Repatha is a human monoclonal antibody that blocks a protein called PCSK9 that inhibits the body's natural system for eliminating "bad" cholesterol (low-density lipoprotein cholesterol or LDL-C) from the blood. Repatha is the first and only PCSK9 inhibitor to offer a monthly single-dose delivery option.
The new, single-use device was developed in collaboration with West Pharmaceutical Services, based on the SmartDose® technology platform, to provide patients with an additional dosing option for Repatha treatment. The device adheres to the body—usually on the abdomen—and patients are hands-free during administration. Patients are able to perform moderate physical activities (such as walking, reaching or bending) as the 420 mg of Repatha is delivered subcutaneously.
West says the FDA approval represents the first combination product to incorporate SmartDose for use in the U.S. West's SmartDose technology platform allows patients to self-administer medication in accordance with their prescribed treatment. West developed the SmartDose technology platform with extensive human factors testing and analysis to understand the interaction between the patient and the delivery system. The SmartDose technology platform is an integrated solution of delivery and containment featuring a silicone-free Daikyo Crystal Zenith® cartridge and a Flurotec® coated piston containment system.

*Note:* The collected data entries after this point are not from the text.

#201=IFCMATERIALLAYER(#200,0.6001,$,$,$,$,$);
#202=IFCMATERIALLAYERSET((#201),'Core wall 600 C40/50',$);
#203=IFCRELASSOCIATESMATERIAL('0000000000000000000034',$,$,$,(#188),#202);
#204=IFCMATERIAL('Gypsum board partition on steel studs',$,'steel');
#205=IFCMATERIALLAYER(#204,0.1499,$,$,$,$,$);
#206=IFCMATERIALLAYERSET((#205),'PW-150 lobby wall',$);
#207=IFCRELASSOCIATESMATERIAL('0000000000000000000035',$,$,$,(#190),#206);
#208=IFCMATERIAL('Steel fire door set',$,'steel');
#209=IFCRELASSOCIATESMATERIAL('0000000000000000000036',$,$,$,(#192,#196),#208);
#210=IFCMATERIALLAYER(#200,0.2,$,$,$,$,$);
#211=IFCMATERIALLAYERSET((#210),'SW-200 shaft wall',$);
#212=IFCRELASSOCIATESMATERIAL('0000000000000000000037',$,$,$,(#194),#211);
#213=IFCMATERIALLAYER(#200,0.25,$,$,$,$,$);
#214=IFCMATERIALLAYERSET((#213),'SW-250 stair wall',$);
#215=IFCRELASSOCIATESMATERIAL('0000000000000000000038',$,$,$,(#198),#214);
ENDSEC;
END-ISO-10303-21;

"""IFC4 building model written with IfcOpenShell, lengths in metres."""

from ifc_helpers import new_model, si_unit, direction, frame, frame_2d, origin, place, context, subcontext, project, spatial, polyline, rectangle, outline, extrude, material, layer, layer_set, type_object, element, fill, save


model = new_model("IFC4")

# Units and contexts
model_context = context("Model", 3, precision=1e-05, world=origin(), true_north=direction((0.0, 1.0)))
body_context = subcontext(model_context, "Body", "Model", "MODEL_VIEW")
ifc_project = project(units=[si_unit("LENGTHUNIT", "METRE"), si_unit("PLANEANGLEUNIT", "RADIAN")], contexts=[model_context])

"The Pushtronex system exemplifies Amgen's continued innovation and commitment to patients," says Sean E. Harper, M.D., Amgen’s Executive VP of Research and Development. "Repatha is the only PCSK9 inhibitor with an approved monthly dose, and now the only one with a monthly single-dose administration. The FDA approval of the Pushtronex system offers another delivery option to patients who need the additional LDL cholesterol lowering that Repatha can provide."

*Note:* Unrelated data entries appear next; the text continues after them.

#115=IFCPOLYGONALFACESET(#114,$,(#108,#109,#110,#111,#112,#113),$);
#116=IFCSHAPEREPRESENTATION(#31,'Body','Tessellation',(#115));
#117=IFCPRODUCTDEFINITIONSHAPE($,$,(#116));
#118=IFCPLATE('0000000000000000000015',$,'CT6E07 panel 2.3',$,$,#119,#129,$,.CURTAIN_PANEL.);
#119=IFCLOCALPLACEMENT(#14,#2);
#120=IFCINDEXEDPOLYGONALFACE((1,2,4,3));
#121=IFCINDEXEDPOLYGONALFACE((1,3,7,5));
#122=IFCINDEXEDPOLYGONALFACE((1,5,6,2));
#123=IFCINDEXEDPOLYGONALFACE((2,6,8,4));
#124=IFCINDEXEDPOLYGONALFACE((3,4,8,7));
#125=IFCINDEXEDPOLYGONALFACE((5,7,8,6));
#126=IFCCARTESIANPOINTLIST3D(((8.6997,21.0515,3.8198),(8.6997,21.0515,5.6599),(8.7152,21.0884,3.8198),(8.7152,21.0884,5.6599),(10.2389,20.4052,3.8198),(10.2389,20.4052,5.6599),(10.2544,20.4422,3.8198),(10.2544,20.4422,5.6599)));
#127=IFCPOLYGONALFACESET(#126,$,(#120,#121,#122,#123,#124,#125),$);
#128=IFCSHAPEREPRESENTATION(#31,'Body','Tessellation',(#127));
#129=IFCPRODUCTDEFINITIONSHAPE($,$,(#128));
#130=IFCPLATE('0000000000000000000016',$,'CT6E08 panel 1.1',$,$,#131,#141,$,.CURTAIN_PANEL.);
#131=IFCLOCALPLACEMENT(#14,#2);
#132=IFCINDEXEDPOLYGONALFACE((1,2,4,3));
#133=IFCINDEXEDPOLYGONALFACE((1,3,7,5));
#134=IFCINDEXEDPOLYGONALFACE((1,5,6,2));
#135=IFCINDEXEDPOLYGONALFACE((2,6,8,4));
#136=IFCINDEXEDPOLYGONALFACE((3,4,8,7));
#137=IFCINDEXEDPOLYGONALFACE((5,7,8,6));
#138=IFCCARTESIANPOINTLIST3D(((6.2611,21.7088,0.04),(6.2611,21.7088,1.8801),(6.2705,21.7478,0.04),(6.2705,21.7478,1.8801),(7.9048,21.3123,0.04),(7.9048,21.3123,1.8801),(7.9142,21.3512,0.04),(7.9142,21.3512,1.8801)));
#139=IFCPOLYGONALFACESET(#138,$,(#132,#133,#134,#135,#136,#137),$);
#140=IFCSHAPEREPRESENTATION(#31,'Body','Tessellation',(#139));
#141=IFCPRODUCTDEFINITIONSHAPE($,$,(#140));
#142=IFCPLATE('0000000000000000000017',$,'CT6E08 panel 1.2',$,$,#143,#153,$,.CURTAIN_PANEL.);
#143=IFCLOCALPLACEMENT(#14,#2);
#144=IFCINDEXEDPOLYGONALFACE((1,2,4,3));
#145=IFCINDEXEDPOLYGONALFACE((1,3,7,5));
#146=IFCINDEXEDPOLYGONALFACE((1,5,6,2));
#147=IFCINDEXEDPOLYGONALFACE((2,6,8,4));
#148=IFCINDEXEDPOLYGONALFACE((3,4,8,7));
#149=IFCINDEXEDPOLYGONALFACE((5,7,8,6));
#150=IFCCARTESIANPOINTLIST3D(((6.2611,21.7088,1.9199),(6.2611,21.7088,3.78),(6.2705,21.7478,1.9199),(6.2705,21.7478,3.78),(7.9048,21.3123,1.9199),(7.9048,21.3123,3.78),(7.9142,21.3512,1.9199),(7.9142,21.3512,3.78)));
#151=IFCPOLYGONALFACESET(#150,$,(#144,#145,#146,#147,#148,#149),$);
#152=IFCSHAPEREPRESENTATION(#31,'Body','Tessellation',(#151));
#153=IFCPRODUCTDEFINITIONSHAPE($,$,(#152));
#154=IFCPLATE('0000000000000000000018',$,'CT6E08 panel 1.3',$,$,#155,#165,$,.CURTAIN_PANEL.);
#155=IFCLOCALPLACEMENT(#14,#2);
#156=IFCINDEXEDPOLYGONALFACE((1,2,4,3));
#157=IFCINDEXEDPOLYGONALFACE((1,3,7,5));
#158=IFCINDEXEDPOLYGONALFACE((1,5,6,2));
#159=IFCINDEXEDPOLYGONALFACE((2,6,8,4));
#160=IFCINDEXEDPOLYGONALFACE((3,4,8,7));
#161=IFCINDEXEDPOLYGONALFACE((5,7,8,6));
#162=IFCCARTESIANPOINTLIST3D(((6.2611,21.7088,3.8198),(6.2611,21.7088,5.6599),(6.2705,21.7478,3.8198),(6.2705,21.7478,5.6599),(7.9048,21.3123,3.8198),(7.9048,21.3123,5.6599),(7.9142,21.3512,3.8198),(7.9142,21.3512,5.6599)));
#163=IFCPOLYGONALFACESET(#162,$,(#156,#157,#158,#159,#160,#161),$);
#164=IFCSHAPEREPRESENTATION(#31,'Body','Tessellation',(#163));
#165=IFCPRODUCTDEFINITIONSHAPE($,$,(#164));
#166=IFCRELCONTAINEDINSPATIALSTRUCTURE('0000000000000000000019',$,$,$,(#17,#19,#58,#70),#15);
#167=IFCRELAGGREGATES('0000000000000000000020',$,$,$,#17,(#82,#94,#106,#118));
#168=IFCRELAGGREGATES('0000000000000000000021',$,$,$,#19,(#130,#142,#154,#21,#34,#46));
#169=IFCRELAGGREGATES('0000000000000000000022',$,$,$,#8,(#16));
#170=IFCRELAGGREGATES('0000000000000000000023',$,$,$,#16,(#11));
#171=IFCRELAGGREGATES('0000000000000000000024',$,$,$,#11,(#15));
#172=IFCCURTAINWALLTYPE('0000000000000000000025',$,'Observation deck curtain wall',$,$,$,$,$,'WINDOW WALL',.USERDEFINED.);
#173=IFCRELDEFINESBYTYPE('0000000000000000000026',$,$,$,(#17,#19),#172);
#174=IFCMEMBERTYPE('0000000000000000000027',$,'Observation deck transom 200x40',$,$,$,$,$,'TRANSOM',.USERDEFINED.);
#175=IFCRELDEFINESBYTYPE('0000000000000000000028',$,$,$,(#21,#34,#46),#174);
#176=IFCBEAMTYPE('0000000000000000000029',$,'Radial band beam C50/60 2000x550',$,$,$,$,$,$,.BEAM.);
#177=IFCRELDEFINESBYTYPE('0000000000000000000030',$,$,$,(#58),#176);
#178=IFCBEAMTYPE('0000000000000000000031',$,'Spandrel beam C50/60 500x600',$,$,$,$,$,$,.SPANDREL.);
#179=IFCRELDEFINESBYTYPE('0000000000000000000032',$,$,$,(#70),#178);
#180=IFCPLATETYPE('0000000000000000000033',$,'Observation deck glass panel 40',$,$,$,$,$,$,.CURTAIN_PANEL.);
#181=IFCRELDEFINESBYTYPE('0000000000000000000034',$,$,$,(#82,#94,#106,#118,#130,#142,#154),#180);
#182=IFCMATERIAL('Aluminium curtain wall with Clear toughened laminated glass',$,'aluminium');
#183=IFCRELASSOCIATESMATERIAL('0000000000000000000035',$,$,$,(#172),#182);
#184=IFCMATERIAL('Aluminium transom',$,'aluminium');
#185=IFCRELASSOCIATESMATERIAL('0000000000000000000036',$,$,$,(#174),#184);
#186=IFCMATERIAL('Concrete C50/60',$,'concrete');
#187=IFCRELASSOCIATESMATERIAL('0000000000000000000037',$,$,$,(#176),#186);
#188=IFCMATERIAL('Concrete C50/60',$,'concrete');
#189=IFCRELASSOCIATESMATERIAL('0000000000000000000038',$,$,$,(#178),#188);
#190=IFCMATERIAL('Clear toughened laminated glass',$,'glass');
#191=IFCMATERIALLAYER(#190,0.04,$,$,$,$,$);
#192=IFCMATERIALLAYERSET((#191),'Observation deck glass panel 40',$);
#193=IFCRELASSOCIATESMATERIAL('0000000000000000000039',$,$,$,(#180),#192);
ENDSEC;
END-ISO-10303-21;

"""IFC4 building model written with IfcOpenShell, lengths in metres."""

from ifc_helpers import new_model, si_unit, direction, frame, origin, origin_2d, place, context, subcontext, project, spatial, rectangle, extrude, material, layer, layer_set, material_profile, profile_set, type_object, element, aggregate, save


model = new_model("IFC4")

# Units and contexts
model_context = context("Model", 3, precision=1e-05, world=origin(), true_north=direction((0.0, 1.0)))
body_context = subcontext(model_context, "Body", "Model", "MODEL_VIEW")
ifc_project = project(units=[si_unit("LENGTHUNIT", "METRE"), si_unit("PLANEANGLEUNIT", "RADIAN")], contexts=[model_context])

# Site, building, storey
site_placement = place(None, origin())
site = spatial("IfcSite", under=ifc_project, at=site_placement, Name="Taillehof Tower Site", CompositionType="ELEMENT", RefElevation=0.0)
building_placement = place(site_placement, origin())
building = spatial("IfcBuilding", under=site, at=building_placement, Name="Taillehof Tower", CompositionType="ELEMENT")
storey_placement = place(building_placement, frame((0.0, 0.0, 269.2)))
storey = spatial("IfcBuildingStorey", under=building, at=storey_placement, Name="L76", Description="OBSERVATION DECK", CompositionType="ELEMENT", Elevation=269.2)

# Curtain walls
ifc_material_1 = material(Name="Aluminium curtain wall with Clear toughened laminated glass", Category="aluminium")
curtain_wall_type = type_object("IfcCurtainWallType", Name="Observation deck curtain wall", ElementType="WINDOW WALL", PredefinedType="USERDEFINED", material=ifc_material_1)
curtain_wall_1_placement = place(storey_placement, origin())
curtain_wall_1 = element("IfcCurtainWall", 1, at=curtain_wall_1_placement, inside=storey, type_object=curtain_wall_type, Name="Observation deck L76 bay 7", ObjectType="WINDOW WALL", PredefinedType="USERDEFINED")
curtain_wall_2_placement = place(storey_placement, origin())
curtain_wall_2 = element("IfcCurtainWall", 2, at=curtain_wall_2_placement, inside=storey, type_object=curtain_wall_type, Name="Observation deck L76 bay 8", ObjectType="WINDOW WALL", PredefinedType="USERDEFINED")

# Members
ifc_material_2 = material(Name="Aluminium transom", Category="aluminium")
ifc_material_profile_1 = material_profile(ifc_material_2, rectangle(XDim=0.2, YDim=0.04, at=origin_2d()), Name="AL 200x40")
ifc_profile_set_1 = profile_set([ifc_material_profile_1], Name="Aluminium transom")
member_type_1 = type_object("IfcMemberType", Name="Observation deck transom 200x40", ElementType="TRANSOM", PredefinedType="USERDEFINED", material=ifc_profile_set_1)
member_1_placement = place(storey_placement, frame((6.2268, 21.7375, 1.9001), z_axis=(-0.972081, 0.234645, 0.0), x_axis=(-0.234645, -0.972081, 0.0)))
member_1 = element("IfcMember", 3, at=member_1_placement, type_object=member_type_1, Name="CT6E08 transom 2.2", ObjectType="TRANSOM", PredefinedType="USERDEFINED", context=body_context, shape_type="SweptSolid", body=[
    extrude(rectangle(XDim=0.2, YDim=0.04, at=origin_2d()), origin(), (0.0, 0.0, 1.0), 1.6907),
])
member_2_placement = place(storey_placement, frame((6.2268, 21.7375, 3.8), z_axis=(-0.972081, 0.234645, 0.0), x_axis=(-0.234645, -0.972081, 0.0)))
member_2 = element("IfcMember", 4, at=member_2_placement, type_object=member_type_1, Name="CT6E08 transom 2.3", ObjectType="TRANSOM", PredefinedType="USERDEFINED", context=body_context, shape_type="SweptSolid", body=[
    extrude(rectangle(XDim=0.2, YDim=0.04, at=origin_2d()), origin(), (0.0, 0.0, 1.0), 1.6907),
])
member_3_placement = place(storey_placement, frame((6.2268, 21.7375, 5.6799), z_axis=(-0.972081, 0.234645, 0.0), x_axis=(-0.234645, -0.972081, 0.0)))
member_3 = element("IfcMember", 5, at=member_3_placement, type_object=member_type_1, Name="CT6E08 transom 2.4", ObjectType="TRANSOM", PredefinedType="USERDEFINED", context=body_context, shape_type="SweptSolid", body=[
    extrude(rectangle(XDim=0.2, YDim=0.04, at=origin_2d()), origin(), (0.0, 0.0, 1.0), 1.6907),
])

In the U.S., Repatha is indicated as an adjunct to diet and maximally tolerated statin therapy for the treatment of adults with heterozygous familial hypercholesterolemia (HeFH) or clinical atherosclerotic cardiovascular disease (ASCVD), who require additional lowering of LDL-C; and as an adjunct to diet and other LDL-lowering therapies for the treatment of patients with homozygous familial hypercholesterolemia (HoFH) over age 13, who require additional lowering of LDL-C.1 The effect of Repatha on cardiovascular morbidity and mortality has not been determined.